Future Accomplishments (next 6 months)
We are in the process of improving the analysis and reporting/graphing/table tools in particular in the areas of robustness, manageabilityand portability. We are also building tools to facilitate and automate the infrastructure management. This includes downloading of code, checking whether measurements are successful, gathering the remote configurations parameters (OS, cpu speed, code versions), understanding disk performance, verifying windows and streams are set correctly.

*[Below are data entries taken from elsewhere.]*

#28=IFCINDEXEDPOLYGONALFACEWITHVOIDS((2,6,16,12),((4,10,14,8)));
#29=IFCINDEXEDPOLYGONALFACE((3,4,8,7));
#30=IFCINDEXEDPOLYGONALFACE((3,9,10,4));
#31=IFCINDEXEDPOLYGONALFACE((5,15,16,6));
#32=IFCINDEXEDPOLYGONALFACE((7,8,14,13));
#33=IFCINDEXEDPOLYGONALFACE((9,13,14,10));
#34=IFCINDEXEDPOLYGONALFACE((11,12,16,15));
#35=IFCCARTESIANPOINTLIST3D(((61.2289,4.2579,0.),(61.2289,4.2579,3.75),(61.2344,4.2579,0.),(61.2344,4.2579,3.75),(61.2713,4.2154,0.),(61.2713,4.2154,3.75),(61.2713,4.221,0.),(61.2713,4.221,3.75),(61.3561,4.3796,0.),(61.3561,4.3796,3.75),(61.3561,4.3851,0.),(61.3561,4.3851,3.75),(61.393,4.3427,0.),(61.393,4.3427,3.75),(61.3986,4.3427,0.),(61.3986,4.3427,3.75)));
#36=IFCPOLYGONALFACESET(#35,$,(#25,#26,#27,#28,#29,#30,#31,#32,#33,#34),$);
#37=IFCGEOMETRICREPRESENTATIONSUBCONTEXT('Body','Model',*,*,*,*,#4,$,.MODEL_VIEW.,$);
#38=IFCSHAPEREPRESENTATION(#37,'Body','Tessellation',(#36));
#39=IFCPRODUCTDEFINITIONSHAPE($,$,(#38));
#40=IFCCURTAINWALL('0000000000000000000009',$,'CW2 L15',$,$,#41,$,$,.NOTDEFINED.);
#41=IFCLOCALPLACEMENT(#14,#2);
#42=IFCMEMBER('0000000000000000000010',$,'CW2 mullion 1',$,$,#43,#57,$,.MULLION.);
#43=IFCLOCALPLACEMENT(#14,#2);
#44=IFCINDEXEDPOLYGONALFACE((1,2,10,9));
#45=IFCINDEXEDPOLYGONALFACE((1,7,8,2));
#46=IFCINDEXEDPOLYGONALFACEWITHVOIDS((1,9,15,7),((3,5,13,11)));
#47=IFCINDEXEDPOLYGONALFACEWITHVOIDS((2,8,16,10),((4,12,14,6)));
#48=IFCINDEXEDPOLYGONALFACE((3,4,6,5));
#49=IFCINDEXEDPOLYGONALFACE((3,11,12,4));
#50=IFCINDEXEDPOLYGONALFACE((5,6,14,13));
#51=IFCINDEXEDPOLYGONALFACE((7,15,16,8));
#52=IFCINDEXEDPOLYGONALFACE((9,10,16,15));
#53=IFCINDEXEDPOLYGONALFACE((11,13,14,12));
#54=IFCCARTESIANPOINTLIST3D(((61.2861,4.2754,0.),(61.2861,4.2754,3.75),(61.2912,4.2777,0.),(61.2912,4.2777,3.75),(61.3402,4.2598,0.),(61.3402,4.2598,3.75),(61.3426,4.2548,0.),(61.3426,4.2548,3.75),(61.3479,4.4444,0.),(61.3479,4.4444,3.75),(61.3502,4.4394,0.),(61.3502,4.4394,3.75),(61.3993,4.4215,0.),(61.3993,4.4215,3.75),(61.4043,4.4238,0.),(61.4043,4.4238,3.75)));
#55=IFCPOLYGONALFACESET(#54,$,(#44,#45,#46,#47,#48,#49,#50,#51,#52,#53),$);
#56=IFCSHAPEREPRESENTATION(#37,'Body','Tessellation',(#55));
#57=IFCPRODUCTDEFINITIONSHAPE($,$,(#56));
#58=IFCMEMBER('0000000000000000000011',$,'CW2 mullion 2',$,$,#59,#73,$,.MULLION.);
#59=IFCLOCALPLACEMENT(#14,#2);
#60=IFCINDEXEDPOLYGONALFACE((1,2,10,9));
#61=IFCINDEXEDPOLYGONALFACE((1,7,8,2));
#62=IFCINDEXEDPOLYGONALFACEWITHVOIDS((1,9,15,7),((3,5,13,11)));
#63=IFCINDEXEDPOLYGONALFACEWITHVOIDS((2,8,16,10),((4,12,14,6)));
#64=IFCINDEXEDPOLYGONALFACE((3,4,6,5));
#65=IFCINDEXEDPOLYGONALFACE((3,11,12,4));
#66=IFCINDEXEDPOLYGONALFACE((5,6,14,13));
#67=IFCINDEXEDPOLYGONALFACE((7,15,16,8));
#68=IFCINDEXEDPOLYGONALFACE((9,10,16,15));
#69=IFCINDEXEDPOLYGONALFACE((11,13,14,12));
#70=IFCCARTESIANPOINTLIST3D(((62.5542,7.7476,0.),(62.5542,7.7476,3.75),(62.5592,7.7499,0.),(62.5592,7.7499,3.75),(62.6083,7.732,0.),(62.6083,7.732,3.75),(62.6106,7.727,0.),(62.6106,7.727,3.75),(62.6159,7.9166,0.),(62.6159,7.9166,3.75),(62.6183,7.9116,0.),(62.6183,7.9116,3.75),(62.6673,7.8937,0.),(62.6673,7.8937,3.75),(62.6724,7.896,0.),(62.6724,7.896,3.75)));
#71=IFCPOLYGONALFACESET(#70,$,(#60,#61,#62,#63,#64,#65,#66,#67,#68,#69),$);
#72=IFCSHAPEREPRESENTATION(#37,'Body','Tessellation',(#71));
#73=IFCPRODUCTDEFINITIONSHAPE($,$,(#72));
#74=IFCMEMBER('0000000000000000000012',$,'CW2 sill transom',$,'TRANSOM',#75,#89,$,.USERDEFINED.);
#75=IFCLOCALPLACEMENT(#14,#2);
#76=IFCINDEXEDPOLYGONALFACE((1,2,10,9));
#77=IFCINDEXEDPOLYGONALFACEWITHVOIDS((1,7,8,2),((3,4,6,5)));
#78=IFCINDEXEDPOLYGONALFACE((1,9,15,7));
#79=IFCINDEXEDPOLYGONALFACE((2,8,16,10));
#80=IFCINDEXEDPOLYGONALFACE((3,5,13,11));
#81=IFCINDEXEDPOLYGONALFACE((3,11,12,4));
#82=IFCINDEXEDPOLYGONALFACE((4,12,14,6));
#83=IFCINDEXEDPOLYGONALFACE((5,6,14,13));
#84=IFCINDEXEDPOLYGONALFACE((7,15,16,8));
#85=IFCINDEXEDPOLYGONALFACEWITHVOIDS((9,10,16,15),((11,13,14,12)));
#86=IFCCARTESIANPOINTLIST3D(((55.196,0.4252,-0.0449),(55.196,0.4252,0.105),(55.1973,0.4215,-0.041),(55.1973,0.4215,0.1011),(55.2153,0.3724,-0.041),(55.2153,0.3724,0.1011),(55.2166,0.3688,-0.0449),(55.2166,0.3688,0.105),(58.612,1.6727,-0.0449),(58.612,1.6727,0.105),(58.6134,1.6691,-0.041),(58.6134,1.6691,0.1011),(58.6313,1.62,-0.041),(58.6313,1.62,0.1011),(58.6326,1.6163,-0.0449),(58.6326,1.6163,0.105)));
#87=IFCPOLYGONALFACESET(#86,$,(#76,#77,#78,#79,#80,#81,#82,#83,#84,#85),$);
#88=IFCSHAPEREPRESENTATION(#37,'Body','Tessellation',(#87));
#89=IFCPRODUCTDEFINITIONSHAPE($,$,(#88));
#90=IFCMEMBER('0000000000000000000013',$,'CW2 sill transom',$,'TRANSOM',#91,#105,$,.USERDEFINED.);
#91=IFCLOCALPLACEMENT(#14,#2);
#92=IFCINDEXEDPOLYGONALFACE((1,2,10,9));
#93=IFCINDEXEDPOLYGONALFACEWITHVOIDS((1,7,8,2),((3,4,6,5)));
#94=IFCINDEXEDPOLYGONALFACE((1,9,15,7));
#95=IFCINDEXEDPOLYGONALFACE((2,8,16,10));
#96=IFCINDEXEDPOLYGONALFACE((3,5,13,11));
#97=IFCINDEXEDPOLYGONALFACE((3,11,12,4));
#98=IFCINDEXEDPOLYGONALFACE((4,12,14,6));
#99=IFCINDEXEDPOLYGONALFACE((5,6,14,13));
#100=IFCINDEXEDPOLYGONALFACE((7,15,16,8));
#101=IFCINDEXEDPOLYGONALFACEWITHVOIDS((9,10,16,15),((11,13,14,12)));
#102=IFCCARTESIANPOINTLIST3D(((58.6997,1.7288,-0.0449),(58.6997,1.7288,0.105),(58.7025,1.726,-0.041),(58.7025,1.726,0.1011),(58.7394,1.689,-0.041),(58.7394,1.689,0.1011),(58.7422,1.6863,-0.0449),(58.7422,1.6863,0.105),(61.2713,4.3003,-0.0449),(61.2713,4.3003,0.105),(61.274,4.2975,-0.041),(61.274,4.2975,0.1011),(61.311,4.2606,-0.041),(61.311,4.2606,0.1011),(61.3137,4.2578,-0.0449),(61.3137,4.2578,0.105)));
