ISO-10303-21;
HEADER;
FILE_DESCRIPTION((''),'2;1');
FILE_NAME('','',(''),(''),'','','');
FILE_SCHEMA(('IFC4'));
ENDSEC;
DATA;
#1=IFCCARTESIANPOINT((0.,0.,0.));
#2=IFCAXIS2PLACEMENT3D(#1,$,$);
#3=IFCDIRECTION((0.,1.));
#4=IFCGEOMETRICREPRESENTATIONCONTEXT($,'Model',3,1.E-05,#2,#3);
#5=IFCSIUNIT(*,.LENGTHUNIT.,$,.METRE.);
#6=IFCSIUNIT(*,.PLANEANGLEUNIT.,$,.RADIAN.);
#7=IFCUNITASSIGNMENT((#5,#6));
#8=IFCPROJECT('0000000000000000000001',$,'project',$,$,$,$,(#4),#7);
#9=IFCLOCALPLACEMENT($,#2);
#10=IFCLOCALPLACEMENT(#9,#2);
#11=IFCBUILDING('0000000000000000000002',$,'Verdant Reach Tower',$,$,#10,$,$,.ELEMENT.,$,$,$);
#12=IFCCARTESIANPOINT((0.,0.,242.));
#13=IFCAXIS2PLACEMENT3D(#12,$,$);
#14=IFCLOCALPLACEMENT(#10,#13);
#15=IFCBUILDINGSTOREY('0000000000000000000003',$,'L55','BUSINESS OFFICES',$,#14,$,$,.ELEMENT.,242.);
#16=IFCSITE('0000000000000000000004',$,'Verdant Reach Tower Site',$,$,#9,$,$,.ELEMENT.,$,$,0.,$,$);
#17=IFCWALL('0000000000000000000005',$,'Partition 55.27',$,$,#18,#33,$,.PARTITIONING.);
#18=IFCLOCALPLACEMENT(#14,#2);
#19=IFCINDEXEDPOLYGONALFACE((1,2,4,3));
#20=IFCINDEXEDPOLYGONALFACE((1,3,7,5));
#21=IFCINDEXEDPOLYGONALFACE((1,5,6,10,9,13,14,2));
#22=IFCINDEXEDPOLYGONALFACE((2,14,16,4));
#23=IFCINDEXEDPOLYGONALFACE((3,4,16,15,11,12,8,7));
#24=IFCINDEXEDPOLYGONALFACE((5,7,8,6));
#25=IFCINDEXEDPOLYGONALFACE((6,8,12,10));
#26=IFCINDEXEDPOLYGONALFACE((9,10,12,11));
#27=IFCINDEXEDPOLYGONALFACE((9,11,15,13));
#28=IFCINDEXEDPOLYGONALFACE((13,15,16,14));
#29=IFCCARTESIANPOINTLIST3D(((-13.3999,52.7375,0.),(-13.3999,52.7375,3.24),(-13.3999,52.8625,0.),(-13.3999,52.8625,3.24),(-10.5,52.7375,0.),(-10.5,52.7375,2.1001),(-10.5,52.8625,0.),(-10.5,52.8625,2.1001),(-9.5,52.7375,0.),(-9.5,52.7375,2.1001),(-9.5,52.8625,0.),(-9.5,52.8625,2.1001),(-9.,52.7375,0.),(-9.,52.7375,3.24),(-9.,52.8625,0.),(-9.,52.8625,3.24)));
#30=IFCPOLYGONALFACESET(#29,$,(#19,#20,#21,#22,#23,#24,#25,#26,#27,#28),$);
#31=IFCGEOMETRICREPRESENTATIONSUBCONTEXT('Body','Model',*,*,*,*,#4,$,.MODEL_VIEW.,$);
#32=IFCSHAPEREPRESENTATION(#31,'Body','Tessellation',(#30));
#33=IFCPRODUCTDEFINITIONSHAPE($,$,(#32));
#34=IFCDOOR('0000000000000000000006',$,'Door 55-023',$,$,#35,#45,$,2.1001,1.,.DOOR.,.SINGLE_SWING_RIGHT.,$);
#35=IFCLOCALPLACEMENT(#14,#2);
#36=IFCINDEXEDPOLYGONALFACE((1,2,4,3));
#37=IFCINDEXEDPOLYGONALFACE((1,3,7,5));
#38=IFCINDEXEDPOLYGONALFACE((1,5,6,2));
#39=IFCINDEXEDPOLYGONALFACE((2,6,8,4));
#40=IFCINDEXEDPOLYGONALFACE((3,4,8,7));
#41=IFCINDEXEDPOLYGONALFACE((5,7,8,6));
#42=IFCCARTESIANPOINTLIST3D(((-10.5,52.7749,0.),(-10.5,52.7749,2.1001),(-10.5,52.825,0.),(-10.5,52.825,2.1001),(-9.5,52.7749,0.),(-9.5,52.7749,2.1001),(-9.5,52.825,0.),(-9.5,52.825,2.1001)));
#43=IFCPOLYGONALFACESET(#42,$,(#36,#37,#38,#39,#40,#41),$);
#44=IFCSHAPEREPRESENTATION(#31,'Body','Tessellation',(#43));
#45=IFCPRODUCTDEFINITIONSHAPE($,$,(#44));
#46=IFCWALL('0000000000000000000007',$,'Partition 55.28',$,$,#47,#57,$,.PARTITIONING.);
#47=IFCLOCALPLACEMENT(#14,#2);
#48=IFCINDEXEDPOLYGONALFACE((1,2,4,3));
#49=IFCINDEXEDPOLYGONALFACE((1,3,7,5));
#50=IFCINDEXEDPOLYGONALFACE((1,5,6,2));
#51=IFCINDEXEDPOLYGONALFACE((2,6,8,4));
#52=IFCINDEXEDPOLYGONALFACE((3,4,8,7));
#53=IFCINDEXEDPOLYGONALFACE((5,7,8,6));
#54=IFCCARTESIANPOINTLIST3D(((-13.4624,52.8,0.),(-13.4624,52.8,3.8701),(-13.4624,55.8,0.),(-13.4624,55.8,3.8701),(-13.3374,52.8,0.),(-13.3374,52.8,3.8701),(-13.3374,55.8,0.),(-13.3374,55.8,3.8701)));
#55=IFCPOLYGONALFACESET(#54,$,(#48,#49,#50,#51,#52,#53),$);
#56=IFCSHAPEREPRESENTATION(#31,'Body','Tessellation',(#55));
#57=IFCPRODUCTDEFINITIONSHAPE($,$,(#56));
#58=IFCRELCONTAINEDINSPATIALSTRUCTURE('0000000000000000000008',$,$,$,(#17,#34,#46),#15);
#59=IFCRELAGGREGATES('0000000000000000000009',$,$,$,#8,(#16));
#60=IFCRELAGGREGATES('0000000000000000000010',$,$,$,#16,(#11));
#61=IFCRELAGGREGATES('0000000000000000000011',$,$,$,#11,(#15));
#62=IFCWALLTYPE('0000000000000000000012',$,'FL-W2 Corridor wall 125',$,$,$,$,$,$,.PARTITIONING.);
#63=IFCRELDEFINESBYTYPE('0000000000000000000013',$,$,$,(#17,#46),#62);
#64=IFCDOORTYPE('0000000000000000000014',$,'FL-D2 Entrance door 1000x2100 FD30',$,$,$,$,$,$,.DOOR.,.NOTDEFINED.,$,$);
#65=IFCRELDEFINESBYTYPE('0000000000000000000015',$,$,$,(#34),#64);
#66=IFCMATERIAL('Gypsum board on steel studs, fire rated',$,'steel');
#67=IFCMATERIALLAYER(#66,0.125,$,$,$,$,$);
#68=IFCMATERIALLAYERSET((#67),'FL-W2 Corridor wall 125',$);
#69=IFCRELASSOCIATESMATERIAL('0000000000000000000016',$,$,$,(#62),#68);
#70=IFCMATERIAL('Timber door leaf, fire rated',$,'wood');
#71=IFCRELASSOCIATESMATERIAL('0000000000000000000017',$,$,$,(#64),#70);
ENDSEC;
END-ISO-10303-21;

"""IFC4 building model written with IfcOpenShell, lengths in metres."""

from ifc_helpers import new_model, si_unit, direction, frame, frame_2d, origin, place, context, subcontext, project, spatial, rectangle, extrude, material, layer, layer_set, type_object, element, fill, save


model = new_model("IFC4")

# Units and contexts
model_context = context("Model", 3, precision=1e-05, world=origin(), true_north=direction((0.0, 1.0)))
body_context = subcontext(model_context, "Body", "Model", "MODEL_VIEW")
ifc_project = project(units=[si_unit("LENGTHUNIT", "METRE"), si_unit("PLANEANGLEUNIT", "RADIAN")], contexts=[model_context])

# Site, building, storey
site_placement = place(None, origin())
site = spatial("IfcSite", under=ifc_project, at=site_placement, Name="Verdant Reach Tower Site", CompositionType="ELEMENT", RefElevation=0.0)
building_placement = place(site_placement, origin())
building = spatial("IfcBuilding", under=site, at=building_placement, Name="Verdant Reach Tower", CompositionType="ELEMENT")
storey_placement = place(building_placement, frame((0.0, 0.0, 242.0)))
storey = spatial("IfcBuildingStorey", under=building, at=storey_placement, Name="L55", Description="BUSINESS OFFICES", CompositionType="ELEMENT", Elevation=242.0)

# Wall, opening, door
ifc_material_1 = material(Name="Gypsum board on steel studs, fire rated", Category="steel")
ifc_layer_1 = layer(ifc_material_1, 0.125)
ifc_layer_set_1 = layer_set([ifc_layer_1], Name="FL-W2 Corridor wall 125")
wall_type_1 = type_object("IfcWallType", Name="FL-W2 Corridor wall 125", PredefinedType="PARTITIONING", material=ifc_layer_set_1)
ifc_material_2 = material(Name="Timber door leaf, fire rated", Category="wood")
door_type = type_object("IfcDoorType", Name="FL-D2 Entrance door 1000x2100 FD30", OperationType="NOTDEFINED", PredefinedType="DOOR", material=ifc_material_2)
wall_1_placement = place(storey_placement, frame((-13.3999, 52.8, 0.0), z_axis=(0.0, 0.0, 1.0), x_axis=(1.0, 0.0, 0.0)))
wall_1 = element("IfcWall", 1, at=wall_1_placement, inside=storey, type_object=wall_type_1, Name="Partition 55.27", PredefinedType="PARTITIONING", context=body_context, shape_type="SweptSolid", body=[
    extrude(rectangle(XDim=4.3999, YDim=0.125, at=frame_2d((2.2, 0.0))), origin(), (0.0, 0.0, 1.0), 3.24),
])
opening_1_placement = place(wall_1_placement, frame((2.8999, 0.0, 0.0)))
opening_1 = element("IfcOpeningElement", 2, at=opening_1_placement, cuts=wall_1, PredefinedType="OPENING", context=body_context, shape_type="SweptSolid", body=[
    extrude(rectangle(XDim=1.0, YDim=2.1001, at=frame_2d((0.5, 1.05))), frame((0.0, 0.0725, 0.0), z_axis=(0.0, -1.0, 0.0), x_axis=(1.0, 0.0, 0.0)), (0.0, 0.0, 1.0), 0.145),
])
door_1_placement = place(opening_1_placement, origin())
door_1 = element("IfcDoor", 3, at=door_1_placement, inside=storey, type_object=door_type, Name="Door 55-023", OperationType="SINGLE_SWING_RIGHT", OverallHeight=2.1001, OverallWidth=1.0, PredefinedType="DOOR", context=body_context, shape_type="SweptSolid", body=[
    extrude(rectangle(XDim=1.0, YDim=2.1001, at=frame_2d((0.5, 1.05))), frame((0.0, 0.0249, 0.0), z_axis=(0.0, -1.0, 0.0), x_axis=(1.0, 0.0, 0.0)), (0.0, 0.0, 1.0), 0.05),
])
fill(opening_1, door_1)

# Wall
wall_2_placement = place(storey_placement, frame((-13.3999, 52.8, 0.0), z_axis=(0.0, 0.0, 1.0), x_axis=(0.0, 1.0, 0.0)))
element("IfcWall", 4, at=wall_2_placement, inside=storey, type_object=wall_type_1, Name="Partition 55.28", PredefinedType="PARTITIONING", context=body_context, shape_type="SweptSolid", body=[
    extrude(rectangle(XDim=3.0, YDim=0.125, at=frame_2d((1.5, 0.0))), origin(), (0.0, 0.0, 1.0), 3.8701),
])

save(model, "model.ifc")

We will measure the impacts of compression, add and understand gridFTP and bandwidth measurement tools such as pathrate, and compare and contrast the various measurements. We will integrate the Netflow measurements with the IEPM-BW measurements and also integrate the PingER analysis and graphical and tabular presentation tools with the IEPM-BW measurements. We also hope to tie together the measurements being made in the UK with the SLAC measurements so they appear more integrated to the user.
We will make the IEPM-BW data available to interested, friendly developers and researchers for example for validating data and algorithm applicability, and forecasting. We will document the format of the data, and assist the developers and researchers in the analysis.
We will use the IEPM-BW and Netflow measurements to make simple forecasts of the performance, and look at how to tie these into an application such as bbcp. As this work evolves we will collaborate with the NWS project to do more sophisticated forecasting.Following this we will select a representative minimum subset of tools to make measurements with, improve the reporting/graphing/table tools and make the data available via the web. We also hope to deploy a 2nd measurement host in the next 6 months.
4.
Research interactions
We are working with researchers at:
·
LBNL (Guojun Jin) to
validate, understand and improve pipechar.
·
U Delaware (Constantinos
Dovrolis) to understand,
improve and validate pathrate. When it is ready we
will plug it into the IEPM-BW infrastructure to make detailed comparisons and
determine its area of applicability. When pathload is
ready we will work with davrolis on it.
·
CAIDA (Margaret Murray & kc
claffy), we will share IEPM-BW data with them to
enable further research on the validity of various bandwidth measurement tools
·
We are working with researchers at Rice to
evaluate the INCITE multifractal path measurements
tools to integrate them into IEPM-BW to gather more extensive measurements for
research.
·
UCSB, Rich Wolski, to
provide him with data from IEPM-BW and collaborate on the research and
development needed to use the measurements for forecasting.
5.
Remarks
As can be seen from the lists of research interactions
above, and also from the number of collaborating sites (~30), it is apparent
that there is a great deal of interest in this project, since it quickly
promises to have network AND application throughput data on a persistent time
frame, with measurements made close to the application, and results made
available publicly. This is of interest to planners, researchers, Grid
applications developers and users, people with high throughput requirements
such as the High Energy and Nuclear Physics (HENP) community. Besides
participating at SC2001 and in the SC2001 Bandwidth Challenge, we are looking
to collaborate with CERN and NIKHEF at the iGrid2002 in Amsterdam
in September 2002. The IEPM project is also a formal collaborator with the
Particle Physics data Grid (PPDG) and is located at the site of BaBar a major HENP physics experiment, which greatly
assists in getting ideas of what features are important to the users, and
providing input to the users on what to expect.
The outstanding success of the PingER
ping measurement project (over 2000 web hits per day) in providing long term
(over 7 years), continuous, publicly available measurements, analysis, also
gives credibility to the success of the follow on IEPM-BW project.